Anti-corruption and gender mainstreaming hand in hand

To mainstream means to bring into the main. Therefore, to mainstream anti-corruption efforts in a sector means to make corruption risk assessment and mitigation an integral part of the overall sector strategic policies and plans. It is not sufficient to relegate it to an add-on or ad-hoc measure.

Gender mainstreaming has been practiced for some time, and the two ‘streams’ of gender and corruption should indeed go hand in hand. This can help achieve equitable development. A U4 helpdesk answer on Gender, corruption, and health illustrates the importance of paying attention to both streams. A forthcoming U4 Brief (spring 2018) reveals how female representatives on elected local governments can lead to reduced corruption in the health and education sectors.

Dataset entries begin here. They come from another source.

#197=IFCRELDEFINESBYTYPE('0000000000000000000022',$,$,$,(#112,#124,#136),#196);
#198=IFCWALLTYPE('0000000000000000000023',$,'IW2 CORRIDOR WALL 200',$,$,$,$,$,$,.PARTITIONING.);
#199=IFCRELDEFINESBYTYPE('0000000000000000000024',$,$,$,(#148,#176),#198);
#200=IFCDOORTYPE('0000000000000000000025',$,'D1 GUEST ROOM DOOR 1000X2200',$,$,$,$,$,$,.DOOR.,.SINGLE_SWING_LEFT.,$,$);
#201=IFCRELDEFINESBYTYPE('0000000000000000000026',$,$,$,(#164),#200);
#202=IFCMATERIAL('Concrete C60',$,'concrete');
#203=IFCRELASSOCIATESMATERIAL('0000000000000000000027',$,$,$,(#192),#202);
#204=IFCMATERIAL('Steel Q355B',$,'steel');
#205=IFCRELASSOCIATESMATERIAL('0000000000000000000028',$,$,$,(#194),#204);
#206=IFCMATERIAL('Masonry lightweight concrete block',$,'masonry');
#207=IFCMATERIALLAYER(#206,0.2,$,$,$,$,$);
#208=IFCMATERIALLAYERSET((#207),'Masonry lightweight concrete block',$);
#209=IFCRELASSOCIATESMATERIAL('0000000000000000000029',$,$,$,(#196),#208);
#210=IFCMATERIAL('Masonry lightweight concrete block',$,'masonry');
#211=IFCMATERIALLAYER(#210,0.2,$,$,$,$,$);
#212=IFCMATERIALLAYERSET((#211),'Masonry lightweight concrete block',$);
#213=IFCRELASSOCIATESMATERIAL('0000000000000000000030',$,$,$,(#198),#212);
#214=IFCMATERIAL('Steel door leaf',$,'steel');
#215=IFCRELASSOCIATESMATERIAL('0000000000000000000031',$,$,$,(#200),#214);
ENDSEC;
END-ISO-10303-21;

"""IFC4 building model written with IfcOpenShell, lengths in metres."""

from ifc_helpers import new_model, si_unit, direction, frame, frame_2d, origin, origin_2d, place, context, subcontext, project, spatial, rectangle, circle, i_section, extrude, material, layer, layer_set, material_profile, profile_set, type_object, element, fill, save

Resources on experiences from mainstreaming – health and water

A U4 Issue on Addressing corruption in the health sector: Securing equitable access to health care for everyone suggests how to mainstream anti-corruption efforts in health. Read about the Moroccan government’s experience from developing a health-sector anti-corruption strategy.

Several governments have integrated anti-corruption in their water sector plans and policies, see for example Development of a water sector anti-corruption strategy in Mozambique.

Sustainable development sector goals

It is important to mainstream anti-corruption because corruption threatens sector goals expressed in the Sustainable Development Goals. It negatively affects health and education outcomes – eg by reducing access to safe and clean water. Countering corruption can improve service delivery and help achieve development goals.